Foot et réalisation télé: une révolution de retard
Vouée au culte du ralenti et au voyeurisme de caméras multipliées, la réalisation télévisuelle des matches sombre dans ses tics et finit par cacher le jeu.
Auteur : JulieGrémillon
le 4 Avr 2000
Il y a quelque temps (CdF 25), nous nous irritions de la propension des télés à abuser des ralentis et à commenter indéfiniment des images complètement déréalisées. Le culte du ralenti (qui trouve son apogée avec la "loupe") masque des évidences, comme l'intérêt de repasser les actions, certes, mais à vitesse réelle.

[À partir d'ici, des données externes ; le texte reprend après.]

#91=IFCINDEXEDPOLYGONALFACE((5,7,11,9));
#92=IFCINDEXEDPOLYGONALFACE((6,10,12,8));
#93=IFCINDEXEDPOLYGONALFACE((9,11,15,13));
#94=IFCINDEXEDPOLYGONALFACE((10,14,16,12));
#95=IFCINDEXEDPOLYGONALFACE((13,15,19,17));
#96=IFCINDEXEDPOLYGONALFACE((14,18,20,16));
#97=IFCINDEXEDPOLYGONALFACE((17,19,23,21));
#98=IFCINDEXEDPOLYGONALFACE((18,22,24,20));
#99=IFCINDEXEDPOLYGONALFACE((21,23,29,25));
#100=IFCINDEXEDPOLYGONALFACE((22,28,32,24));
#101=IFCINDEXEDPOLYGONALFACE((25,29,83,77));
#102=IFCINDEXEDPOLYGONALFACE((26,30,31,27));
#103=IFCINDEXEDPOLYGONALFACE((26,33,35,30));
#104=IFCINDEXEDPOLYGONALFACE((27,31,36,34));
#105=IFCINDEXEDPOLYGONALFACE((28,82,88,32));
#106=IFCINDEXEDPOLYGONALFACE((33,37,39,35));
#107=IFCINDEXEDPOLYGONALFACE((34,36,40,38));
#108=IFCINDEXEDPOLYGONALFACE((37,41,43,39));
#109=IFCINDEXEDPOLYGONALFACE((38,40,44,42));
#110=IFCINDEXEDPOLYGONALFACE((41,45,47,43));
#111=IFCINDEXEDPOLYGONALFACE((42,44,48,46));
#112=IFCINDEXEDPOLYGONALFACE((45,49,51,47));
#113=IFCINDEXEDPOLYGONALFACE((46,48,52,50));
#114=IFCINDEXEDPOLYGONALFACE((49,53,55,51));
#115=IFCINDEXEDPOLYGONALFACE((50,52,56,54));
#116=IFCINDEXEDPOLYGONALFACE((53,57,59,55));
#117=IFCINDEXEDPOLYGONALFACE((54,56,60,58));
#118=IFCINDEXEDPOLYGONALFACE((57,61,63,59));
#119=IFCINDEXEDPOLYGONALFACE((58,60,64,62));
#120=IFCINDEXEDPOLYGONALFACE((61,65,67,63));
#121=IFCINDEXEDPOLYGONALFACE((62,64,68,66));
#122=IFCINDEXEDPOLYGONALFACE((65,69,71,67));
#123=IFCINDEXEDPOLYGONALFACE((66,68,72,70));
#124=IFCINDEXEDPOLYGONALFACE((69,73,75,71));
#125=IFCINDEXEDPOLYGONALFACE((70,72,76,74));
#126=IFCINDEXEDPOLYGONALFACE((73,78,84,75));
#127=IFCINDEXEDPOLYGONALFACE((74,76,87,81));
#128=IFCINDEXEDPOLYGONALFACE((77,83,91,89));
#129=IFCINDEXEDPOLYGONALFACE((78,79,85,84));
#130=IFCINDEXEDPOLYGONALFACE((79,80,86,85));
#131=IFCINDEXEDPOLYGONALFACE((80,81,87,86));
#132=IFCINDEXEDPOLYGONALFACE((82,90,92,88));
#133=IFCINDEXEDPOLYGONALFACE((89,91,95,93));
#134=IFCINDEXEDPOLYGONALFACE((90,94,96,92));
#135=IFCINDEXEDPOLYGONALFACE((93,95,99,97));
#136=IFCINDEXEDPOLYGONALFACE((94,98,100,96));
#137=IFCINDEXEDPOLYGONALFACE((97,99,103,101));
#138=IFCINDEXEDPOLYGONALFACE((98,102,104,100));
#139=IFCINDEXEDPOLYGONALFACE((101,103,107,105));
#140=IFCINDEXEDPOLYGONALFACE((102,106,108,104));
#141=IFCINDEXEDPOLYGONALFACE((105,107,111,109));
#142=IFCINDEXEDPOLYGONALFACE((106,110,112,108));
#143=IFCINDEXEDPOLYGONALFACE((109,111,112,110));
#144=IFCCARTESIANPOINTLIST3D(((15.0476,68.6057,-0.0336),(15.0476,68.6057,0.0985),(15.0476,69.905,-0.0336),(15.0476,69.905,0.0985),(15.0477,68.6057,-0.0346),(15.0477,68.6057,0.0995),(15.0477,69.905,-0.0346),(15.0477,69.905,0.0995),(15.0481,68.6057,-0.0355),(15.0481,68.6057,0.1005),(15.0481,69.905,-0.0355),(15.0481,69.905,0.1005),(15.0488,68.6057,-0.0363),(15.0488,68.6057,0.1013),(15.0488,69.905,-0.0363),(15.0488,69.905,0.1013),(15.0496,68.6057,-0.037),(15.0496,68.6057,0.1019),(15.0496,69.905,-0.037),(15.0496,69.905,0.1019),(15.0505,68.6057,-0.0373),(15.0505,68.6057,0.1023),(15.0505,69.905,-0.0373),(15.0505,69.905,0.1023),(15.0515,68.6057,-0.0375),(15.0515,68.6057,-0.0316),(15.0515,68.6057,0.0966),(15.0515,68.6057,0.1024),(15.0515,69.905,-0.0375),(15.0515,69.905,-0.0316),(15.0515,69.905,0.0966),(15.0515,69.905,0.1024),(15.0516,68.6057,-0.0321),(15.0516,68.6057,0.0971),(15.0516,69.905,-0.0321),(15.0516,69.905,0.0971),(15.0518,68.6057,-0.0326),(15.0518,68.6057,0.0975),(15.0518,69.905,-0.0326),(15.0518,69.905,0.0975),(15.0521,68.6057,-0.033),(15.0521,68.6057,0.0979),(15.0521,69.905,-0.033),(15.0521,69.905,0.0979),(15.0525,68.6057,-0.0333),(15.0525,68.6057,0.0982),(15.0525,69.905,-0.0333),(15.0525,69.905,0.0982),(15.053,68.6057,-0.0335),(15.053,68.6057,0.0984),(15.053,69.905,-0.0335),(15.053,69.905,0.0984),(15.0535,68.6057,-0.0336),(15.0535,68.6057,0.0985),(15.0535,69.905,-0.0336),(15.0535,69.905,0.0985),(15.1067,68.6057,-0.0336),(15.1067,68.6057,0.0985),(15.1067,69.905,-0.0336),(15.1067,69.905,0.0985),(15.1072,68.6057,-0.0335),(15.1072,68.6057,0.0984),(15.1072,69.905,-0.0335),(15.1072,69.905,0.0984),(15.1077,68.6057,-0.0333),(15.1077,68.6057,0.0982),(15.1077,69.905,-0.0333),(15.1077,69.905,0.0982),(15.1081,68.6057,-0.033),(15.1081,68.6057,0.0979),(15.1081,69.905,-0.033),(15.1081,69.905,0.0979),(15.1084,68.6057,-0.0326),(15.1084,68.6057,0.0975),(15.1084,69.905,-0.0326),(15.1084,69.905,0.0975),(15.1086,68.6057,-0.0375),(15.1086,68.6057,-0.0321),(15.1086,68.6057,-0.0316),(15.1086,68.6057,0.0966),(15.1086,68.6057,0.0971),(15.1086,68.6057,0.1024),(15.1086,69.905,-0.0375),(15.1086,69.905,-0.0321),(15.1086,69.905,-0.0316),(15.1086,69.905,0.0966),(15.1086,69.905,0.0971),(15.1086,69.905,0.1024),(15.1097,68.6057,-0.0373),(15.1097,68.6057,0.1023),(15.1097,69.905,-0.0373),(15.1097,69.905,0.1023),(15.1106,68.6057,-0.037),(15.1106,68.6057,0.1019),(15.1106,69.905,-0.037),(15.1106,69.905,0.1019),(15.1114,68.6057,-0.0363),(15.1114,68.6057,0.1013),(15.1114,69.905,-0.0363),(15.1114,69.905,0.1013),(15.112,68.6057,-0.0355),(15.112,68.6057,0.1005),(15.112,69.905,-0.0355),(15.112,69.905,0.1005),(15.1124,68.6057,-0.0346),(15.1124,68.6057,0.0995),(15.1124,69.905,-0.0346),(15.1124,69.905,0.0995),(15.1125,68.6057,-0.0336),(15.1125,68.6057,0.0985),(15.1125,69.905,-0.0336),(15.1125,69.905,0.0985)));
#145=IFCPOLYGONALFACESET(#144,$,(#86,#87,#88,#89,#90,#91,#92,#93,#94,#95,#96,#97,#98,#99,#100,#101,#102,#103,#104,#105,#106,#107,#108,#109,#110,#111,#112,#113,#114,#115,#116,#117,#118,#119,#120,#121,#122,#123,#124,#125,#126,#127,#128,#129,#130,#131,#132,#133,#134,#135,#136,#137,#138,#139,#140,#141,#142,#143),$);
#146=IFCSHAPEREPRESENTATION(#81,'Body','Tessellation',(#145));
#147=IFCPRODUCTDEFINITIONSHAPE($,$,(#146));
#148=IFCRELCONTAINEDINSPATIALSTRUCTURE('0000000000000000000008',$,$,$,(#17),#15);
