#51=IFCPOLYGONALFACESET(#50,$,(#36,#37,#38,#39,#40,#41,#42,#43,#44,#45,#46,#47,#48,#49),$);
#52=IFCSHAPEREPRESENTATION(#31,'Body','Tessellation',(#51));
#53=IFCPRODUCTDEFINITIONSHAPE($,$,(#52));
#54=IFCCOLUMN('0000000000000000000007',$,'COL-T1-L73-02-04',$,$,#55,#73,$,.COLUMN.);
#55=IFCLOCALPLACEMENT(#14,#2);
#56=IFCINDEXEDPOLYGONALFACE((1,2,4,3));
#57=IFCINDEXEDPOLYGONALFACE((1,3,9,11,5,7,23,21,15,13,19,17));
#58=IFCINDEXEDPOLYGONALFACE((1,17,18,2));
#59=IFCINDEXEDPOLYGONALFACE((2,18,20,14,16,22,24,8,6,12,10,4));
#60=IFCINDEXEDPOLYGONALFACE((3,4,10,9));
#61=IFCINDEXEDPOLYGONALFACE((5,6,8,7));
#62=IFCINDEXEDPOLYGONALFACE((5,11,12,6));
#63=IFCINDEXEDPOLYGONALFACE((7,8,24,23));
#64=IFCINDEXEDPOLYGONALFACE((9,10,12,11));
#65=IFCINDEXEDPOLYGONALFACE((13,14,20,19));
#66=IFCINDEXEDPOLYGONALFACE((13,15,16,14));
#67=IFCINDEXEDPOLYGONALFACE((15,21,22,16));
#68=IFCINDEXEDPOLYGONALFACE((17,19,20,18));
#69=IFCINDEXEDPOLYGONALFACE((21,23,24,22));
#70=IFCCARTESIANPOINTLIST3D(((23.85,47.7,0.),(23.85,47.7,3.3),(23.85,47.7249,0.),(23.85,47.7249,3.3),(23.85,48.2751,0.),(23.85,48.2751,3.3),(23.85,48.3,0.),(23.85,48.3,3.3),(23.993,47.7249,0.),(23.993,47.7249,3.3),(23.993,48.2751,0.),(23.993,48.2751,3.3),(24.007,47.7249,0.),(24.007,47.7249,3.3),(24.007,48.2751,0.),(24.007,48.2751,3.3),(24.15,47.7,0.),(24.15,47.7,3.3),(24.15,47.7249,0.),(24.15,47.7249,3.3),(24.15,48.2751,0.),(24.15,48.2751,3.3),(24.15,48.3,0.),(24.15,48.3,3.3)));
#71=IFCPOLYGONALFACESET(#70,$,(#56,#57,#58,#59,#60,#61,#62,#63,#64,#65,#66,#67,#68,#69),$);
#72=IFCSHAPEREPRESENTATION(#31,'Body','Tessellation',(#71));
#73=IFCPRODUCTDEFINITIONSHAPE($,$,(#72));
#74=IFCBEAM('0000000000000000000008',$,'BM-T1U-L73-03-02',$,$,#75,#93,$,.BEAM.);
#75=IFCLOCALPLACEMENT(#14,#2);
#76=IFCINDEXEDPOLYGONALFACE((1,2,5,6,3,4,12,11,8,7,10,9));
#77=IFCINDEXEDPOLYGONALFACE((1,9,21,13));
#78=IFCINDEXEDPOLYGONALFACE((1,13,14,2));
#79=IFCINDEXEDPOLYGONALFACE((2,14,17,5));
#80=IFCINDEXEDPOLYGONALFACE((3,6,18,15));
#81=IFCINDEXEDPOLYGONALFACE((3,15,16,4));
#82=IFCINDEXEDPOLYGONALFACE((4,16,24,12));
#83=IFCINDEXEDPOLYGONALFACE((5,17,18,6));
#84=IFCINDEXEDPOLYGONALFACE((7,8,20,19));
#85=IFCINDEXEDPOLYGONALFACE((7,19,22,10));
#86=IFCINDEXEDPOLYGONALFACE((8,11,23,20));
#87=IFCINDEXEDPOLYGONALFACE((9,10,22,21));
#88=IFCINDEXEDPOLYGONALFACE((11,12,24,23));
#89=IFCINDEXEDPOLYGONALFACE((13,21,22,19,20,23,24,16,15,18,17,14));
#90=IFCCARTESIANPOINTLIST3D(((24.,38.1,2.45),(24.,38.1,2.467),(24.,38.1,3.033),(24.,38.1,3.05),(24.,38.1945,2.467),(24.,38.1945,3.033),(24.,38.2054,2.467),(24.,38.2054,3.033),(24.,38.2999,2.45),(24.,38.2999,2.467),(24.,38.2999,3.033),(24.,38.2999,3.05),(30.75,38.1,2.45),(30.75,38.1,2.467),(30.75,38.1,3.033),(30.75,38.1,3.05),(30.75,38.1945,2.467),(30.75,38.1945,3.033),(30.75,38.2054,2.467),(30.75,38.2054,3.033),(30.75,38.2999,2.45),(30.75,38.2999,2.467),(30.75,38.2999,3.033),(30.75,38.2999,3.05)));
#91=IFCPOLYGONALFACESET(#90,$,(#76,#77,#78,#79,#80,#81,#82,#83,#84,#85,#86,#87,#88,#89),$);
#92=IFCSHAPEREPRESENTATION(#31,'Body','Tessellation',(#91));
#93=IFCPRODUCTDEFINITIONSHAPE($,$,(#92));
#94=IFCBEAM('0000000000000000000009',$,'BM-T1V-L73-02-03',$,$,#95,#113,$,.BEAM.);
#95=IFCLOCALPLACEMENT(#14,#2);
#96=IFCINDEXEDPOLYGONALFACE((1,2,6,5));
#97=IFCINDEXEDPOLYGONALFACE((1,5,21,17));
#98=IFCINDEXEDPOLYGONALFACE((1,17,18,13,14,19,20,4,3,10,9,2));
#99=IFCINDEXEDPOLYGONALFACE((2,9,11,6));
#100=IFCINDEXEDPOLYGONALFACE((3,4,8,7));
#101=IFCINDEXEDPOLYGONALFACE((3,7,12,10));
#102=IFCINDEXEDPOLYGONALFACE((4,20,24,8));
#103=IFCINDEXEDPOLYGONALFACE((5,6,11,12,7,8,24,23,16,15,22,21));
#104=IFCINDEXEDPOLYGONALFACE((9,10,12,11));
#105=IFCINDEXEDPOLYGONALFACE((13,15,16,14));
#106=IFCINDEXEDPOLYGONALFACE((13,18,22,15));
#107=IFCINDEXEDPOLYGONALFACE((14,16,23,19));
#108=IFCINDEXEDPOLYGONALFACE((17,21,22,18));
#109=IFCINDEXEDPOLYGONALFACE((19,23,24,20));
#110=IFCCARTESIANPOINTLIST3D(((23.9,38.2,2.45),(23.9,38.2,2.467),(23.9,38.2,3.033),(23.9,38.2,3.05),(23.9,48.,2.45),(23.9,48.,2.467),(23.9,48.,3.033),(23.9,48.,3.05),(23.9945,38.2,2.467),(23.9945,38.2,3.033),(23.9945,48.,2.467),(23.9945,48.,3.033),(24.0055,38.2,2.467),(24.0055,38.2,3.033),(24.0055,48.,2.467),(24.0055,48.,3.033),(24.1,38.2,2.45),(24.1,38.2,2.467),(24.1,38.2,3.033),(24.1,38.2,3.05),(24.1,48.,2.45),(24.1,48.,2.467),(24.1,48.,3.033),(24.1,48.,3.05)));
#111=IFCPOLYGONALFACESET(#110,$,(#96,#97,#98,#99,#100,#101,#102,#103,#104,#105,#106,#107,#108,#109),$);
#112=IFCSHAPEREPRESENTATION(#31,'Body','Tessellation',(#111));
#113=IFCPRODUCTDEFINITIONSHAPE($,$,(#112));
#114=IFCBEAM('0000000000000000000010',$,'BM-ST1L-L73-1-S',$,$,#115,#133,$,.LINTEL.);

Mille mercis donc au réalisateur écossais qui a eu la bonne idée de remontrer toute l'action ayant abouti au premier but de l'équipe de France, action splendide que l'on a pu pour une fois apprécier dans sa continuité. Une bonne idée qui devrait inspirer nos professionnels nationaux, dont le travail est certes reconnu mais qui poussent un peu loin l'esthétisation du football en abusant de leur arsenal technique. La multiplication des caméras n'a en effet pas beaucoup diversifié et enrichi la vision du jeu, mais a surtout consisté à accumuler les gros plans, supposés retransmettre l'intensité physique et émotionnelle mais qui n'apportent rien à la compréhension des phases de jeu. Les cameramen devraient plus souvent élargir le cadre pour saisir le placement des équipes et la vision des joueurs, et les réalisateurs sélectionner et rallonger la durée des extraits plutôt que de revoir le même fragment sous tous les angles (comme s'il fallait amortir le matériel). Les ralentis du direct —comme les résumés— ne montrent que la conclusion des actions en ignorant totalement leur origine et leur construction. Parfois, même le contrôle du buteur est coupé, et le passeur décisif passe plus souvent encore aux oubliettes.
Evidemment il faudrait faire le choix de la lisibilité et de la simplicité, aux dépens du spectacle. On risque d'attendre longtemps une "nouvelle vague" de la réalisation télévisuelle des rencontres de football, figée (comme les commentaires) dans les standards que lui a donné Canal+ il y a quinze ans.